O que é importante sabermos é que foi vigente, por muito, esse pressuposto que eram as idéias que causam o homem e são anteriores a ele...Isso pode até ser verdade, se ele se persuadir sobre isso...Mas, segundo o materialismo, a metafisica e as idéias não são coisas que existem por si só...Para elas existirem, é necessário haver seres humanos que produzam essas representações, que acabam sendo reflexos de si mesmos. O importante aqui, não seria ensinar ou falar de Marx nas escolas em prol de uma pretensa doutrinação marxista do MEC, mas sim, para compreender como se opera essa grande ruptura epistemológica que ele proporcionou, de inverter totalmente a ordem estabelecida: ao invés de pensar que são as idéias como coisas em si; Marx pensa que as idéias são determinadas pelo homem, assim como todas as suas abstrações e toda metafisica é determinada pelos homens que a produzem...

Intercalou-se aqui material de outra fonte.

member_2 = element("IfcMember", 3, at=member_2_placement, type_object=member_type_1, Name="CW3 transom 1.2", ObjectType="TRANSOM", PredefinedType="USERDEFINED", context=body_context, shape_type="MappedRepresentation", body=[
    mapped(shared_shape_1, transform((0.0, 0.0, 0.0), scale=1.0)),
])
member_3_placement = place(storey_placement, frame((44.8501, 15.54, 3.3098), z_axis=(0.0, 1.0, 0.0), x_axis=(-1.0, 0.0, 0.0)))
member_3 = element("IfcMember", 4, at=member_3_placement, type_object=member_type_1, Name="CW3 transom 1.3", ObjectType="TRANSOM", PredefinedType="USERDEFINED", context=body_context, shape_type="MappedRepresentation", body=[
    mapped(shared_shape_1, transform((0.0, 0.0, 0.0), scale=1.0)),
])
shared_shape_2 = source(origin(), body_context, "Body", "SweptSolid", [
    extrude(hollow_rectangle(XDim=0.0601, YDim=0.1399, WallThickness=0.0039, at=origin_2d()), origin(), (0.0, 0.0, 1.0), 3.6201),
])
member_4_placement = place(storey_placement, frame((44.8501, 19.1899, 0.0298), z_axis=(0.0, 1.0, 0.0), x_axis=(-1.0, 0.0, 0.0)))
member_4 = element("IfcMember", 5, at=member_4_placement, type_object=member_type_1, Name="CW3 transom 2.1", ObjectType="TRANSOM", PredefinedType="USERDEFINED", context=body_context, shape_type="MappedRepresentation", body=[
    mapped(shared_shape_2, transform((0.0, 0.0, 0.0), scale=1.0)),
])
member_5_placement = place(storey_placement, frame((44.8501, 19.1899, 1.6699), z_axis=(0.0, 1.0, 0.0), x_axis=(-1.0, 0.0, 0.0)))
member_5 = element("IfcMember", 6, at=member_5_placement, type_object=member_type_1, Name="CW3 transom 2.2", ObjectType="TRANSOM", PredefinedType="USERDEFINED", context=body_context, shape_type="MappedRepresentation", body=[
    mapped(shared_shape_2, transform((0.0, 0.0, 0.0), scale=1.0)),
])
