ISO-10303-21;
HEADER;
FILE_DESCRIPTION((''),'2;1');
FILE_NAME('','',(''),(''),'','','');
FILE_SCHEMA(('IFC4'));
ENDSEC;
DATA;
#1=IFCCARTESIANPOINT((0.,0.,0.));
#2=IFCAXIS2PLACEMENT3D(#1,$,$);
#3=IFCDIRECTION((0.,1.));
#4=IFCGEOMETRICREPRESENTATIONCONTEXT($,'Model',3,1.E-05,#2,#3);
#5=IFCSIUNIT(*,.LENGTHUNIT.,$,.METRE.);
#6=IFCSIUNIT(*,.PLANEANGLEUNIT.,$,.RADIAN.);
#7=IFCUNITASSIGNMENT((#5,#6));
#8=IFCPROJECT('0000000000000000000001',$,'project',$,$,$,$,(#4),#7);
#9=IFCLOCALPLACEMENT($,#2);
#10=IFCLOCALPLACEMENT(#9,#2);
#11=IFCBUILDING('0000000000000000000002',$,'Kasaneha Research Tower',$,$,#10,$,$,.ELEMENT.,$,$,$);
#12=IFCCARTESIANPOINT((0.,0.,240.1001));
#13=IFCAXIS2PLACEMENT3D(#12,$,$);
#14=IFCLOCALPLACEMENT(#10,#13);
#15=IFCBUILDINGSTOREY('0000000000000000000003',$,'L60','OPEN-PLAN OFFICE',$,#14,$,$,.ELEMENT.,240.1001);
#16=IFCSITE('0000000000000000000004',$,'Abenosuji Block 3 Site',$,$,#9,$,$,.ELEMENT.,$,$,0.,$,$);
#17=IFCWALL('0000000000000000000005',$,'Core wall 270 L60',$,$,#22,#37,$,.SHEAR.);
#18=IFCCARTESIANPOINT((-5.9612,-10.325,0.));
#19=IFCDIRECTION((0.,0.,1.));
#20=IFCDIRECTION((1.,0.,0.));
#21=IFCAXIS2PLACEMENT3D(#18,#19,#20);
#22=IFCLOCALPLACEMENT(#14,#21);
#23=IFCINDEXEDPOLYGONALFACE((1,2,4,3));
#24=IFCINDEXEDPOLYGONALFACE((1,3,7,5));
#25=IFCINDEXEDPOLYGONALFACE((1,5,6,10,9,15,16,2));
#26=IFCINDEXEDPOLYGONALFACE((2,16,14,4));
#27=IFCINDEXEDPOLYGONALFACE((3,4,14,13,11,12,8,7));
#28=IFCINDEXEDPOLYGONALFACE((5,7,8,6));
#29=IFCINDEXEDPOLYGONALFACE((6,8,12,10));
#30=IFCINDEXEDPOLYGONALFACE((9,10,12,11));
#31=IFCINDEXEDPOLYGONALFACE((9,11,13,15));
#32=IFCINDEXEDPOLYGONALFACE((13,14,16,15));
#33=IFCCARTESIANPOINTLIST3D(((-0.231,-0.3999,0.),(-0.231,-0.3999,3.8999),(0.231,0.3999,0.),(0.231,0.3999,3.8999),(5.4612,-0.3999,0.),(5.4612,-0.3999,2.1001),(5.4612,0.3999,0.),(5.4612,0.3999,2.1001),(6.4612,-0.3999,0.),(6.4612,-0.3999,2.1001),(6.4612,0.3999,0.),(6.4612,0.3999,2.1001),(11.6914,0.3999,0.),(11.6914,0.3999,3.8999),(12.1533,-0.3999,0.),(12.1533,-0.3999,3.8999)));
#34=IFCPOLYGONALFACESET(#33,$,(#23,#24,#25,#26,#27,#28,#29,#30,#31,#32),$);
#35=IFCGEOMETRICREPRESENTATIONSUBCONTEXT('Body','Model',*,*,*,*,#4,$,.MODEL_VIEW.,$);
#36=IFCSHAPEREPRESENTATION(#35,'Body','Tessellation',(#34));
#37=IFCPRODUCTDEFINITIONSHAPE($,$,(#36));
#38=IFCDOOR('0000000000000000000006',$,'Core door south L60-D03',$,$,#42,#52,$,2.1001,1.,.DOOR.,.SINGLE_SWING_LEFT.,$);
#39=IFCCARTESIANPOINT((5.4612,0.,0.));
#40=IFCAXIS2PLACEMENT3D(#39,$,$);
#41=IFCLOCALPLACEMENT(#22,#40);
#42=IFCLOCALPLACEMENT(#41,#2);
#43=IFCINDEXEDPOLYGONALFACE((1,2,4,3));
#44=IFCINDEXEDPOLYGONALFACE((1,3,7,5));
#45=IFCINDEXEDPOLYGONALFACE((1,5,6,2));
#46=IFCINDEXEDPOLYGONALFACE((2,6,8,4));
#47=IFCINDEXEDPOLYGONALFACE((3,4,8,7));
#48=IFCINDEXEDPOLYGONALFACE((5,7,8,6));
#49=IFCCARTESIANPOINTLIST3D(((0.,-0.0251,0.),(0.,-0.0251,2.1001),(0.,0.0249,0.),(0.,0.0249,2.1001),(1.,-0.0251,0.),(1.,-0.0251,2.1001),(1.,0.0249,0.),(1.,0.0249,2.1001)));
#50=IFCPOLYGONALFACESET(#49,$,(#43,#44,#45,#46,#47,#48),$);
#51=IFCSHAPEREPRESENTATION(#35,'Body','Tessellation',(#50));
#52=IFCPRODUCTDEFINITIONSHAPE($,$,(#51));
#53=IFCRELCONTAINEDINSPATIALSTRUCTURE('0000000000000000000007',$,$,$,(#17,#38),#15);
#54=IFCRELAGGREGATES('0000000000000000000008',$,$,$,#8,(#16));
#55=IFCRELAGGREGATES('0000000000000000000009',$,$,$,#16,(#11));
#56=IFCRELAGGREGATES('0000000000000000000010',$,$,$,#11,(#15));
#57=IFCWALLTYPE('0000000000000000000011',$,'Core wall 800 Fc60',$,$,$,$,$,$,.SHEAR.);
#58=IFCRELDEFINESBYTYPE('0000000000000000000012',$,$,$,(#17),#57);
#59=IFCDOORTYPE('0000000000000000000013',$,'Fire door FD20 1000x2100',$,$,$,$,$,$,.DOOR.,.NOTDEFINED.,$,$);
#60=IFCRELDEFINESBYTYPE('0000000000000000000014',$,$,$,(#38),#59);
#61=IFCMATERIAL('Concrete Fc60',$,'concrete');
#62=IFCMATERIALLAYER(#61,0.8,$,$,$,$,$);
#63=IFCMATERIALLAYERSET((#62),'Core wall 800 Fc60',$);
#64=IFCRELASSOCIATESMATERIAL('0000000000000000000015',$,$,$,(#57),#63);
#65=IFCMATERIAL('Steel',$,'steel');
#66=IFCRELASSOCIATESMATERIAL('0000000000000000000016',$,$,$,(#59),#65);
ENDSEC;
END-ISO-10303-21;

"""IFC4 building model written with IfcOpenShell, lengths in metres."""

from ifc_helpers import new_model, si_unit, direction, frame, frame_2d, origin, place, context, subcontext, project, spatial, polyline, rectangle, outline, extrude, material, layer, layer_set, type_object, element, fill, save


model = new_model("IFC4")

# Units and contexts
model_context = context("Model", 3, precision=1e-05, world=origin(), true_north=direction((0.0, 1.0)))
body_context = subcontext(model_context, "Body", "Model", "MODEL_VIEW")
ifc_project = project(units=[si_unit("LENGTHUNIT", "METRE"), si_unit("PLANEANGLEUNIT", "RADIAN")], contexts=[model_context])

# Site, building, storey
site_placement = place(None, origin())
site = spatial("IfcSite", under=ifc_project, at=site_placement, Name="Abenosuji Block 3 Site", CompositionType="ELEMENT", RefElevation=0.0)
building_placement = place(site_placement, origin())
building = spatial("IfcBuilding", under=site, at=building_placement, Name="Kasaneha Research Tower", CompositionType="ELEMENT")
storey_placement = place(building_placement, frame((0.0, 0.0, 240.1001)))
storey = spatial("IfcBuildingStorey", under=building, at=storey_placement, Name="L60", Description="OPEN-PLAN OFFICE", CompositionType="ELEMENT", Elevation=240.1001)

# Wall, opening, door
ifc_material_1 = material(Name="Concrete Fc60", Category="concrete")
ifc_layer_1 = layer(ifc_material_1, 0.8)
ifc_layer_set_1 = layer_set([ifc_layer_1], Name="Core wall 800 Fc60")
wall_type_1 = type_object("IfcWallType", Name="Core wall 800 Fc60", PredefinedType="SHEAR", material=ifc_layer_set_1)
wall_1_placement = place(storey_placement, frame((-5.9612, -10.325, 0.0), z_axis=(0.0, 0.0, 1.0), x_axis=(1.0, 0.0, 0.0)))
wall_1 = element("IfcWall", 1, at=wall_1_placement, inside=storey, type_object=wall_type_1, Name="Core wall 270 L60", PredefinedType="SHEAR", context=body_context, shape_type="SweptSolid", body=[
    extrude(outline(polyline([(-0.231, -0.3999), (5.4612, -0.3999), (6.4612, -0.3999), (12.1533, -0.3999), (11.6914, 0.3999), (6.4612, 0.3999), (5.4612, 0.3999), (0.231, 0.3999), (-0.231, -0.3999)])), origin(), (0.0, 0.0, 1.0), 3.8999),
])
opening_1_placement = place(wall_1_placement, frame((5.4612, 0.0, 0.0)))
opening_1 = element("IfcOpeningElement", 2, at=opening_1_placement, cuts=wall_1, PredefinedType="OPENING", context=body_context, shape_type="SweptSolid", body=[
    extrude(rectangle(XDim=1.0, YDim=2.1001, at=frame_2d((0.5, 1.05))), frame((0.0, 0.4102, 0.0), z_axis=(0.0, -1.0, 0.0), x_axis=(1.0, 0.0, 0.0)), (0.0, 0.0, 1.0), 0.8201),
])
ifc_material_2 = material(Name="Steel", Category="steel")
door_type_1 = type_object("IfcDoorType", Name="Fire door FD20 1000x2100", OperationType="NOTDEFINED", PredefinedType="DOOR", material=ifc_material_2)
door_1_placement = place(opening_1_placement, origin())
door_1 = element("IfcDoor", 3, at=door_1_placement, inside=storey, type_object=door_type_1, Name="Core door south L60-D03", OperationType="SINGLE_SWING_LEFT", OverallHeight=2.1001, OverallWidth=1.0, PredefinedType="DOOR", context=body_context, shape_type="SweptSolid", body=[
    extrude(rectangle(XDim=1.0, YDim=2.1001, at=frame_2d((0.5, 1.05))), frame((0.0, 0.0249, 0.0), z_axis=(0.0, -1.0, 0.0), x_axis=(1.0, 0.0, 0.0)), (0.0, 0.0, 1.0), 0.05),
])
fill(opening_1, door_1)

save(model, "model.ifc")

Voltando para Lewis, estou inclinado que seu argumento é um tanto arrogante, ao pensar que as coisas que tem validade para nós, seres humanos, tenham que ter validade para todo o universo, e que é preciso existir essa ordem racional governando tudo. Que tudo tenha que ter uma razão de ser...Mas não é verdade que os cientistas defendam que o que rege o universo são leis observáveis? Não existiria aí uma espécie de "Essencialismo Cientifico"? Se isso for verdade, temos aí mais um problema que, por ora, não irei me aprofundar por não ter muito conhecimento sobre filosofia da ciência. 

Ao meditar sobre o argumento de Lewis, eu não penso nisso como um argumento de um cristão retardado, que "ainda acredita no primado das idéias sobre o homem". Eu creio, que seja na verdade, um problema em aberto...Creio que ele possa despertar muitas discussões: discussões ainda muito atuais, já que o paradigma evolucionista, que fala sobre causas aleatórias e irracionais, é muito forte nos dias de hoje. Creio que Lewis pode ser outro meio de discutir os conflitos epistemológicos tão rigidos, como o conflito entre o materialismo e essencialismo.

Referências Bibliográficas:

FISCHER, Alec. A Lógica dos Verdadeiros Argumentos. São Paulo: Novo Conceito, 2008.
MARX, Karl; ENGELS, Friedrich. A Ideologia Alemã. São Paulo: Martins Fontes, 1989.